First of all, I'm a Florida native. I was born and raised in the Daytona African clawed frogsBeach area and I've been selling homes right here since 1995. The very things I love about Volusia county, are the same things that may cause our northern, seasonal residents to "freak out". But what can I say? I'm a Florida girl. I LOVE frogs, lizards, geckos, salamanders, turtles, and many other little critters. And I always have to pick them up and pet them, to give them a little "hello" and let them know they're special and appreciated. (Yes, I pet frogs. Just ask my clients who have seen me do it... Karen, Johanna, Melissa, and many others) And you don't know what you're missing until you've gotten a lizard to open it's mouth, then clamped him on your ear lobe! LOL! What a beautiful earring!

But it all seriousness, Florida has been losing wetlands, in spite of strict laws, since it's inception as a state. The pace of loss is slowing, but it has not stopped.  

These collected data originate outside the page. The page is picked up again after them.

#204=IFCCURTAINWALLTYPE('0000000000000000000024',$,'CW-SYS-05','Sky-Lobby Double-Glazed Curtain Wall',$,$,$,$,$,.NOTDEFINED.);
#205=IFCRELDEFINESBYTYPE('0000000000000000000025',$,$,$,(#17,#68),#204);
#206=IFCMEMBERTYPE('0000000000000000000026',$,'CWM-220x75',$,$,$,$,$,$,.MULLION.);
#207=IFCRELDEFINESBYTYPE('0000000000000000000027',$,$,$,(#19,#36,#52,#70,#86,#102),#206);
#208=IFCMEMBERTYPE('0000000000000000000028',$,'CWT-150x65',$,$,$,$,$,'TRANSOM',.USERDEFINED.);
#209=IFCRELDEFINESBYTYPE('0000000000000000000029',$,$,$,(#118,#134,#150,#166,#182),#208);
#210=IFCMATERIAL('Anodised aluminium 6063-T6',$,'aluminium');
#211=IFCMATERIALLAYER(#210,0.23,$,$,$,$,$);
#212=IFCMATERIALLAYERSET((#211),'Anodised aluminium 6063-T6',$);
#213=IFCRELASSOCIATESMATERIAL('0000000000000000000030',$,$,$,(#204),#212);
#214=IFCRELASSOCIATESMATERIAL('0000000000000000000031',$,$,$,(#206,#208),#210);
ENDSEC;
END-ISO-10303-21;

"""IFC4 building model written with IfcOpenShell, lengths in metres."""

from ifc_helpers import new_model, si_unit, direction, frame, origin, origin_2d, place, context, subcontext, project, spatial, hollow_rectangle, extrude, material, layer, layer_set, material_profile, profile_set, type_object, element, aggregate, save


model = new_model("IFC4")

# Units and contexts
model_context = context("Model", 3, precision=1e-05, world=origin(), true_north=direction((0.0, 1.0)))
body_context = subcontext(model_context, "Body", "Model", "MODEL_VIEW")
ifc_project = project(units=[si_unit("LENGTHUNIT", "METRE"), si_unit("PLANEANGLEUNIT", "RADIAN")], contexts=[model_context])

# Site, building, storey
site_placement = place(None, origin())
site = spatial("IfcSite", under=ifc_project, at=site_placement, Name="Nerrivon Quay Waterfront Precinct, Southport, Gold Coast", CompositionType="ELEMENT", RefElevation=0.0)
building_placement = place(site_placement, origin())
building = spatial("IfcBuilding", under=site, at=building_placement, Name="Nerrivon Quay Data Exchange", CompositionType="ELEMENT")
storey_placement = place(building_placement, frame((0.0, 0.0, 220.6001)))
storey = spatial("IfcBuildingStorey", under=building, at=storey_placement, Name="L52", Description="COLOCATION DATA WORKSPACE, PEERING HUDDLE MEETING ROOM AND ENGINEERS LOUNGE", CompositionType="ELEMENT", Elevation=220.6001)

Most Floridians know that the Florida Everglades, which comprise the majority of Florida's wetlands, have been in danger for many years. Invading plant and animal species have caused great harm to the delicate Everglades ecosystem. Many projects are in place to restore the natural balance of the Everglades, and will hopefully save many species from extinction. But many people are unaware that coastal wetlands are among the world's most productive ecosystemspeacock

Consider for a moment, the many different types of birds that migrate here each winter, to the same spot, year after year. But this year, they arrive to find their winter home has disappeared, due to a new housing development, or drought, or fire, or any number of reasons. For many types of birds, it causes confusion as they look for a new place to winter. They need to find the necessary water, food, plant life, nesting spaces and safety from predators. But most birds won't look for more than a few possible locations and they eventually die. They don't survive the winter and never return to their summer homes. These are the ones that are dwindling in number, year after year, and will eventually become extinct unless something is done.

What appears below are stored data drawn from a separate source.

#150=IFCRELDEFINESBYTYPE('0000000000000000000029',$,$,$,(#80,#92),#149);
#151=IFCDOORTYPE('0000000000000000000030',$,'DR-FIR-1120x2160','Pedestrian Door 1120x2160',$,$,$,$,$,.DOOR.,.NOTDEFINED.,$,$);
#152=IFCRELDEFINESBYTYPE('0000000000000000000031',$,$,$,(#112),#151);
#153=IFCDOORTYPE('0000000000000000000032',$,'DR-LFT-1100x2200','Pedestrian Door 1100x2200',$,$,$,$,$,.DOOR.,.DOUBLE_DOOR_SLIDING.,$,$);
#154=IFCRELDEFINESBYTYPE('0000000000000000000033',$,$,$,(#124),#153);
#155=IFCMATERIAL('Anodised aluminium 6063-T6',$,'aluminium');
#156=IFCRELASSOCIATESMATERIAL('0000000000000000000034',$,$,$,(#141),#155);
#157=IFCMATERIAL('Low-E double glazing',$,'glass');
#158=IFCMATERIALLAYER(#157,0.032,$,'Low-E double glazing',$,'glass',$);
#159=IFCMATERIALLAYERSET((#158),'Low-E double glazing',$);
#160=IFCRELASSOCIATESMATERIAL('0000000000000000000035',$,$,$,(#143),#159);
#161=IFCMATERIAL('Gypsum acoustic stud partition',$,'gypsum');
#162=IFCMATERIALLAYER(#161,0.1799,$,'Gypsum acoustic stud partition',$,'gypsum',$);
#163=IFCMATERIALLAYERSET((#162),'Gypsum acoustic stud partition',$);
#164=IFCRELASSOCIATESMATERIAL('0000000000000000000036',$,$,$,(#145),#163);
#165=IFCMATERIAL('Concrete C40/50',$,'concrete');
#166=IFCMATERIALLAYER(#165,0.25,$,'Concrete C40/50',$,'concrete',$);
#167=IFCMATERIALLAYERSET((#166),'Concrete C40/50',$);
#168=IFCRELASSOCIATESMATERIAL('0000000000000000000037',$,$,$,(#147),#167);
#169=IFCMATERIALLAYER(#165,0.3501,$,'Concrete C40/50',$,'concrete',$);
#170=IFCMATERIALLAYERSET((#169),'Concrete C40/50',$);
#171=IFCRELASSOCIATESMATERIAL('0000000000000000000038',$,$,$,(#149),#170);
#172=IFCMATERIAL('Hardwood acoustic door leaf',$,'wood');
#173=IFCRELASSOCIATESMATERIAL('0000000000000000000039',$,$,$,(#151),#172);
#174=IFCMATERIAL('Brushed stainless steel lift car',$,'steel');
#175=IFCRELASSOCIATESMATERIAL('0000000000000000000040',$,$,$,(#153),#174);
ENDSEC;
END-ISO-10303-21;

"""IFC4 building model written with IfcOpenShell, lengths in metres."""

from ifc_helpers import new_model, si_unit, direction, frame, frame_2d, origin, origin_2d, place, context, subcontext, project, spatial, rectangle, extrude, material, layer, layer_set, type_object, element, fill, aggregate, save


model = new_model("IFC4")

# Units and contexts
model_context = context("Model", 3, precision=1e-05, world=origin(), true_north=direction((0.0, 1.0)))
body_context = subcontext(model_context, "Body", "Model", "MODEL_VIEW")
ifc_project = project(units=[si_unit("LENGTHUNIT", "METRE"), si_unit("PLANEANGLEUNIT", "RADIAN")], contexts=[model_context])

I have so much information on this subject that you can expect me to write several posts over the next few weeks. There is much that is being done to rectify this situation, but there is still much more that needs to be done. 

I've been told that instead of saying "Something must be done." You should be saying "I must do something". So this is where I'm starting. I'm educating myself and those of you who may not be aware of this problem. Selling real estate is my job. But there are many other things that I'm capable of doing as well. And since I don't want to lose my little critter friends, this is one of the causes to which I'll be contributing my efforts.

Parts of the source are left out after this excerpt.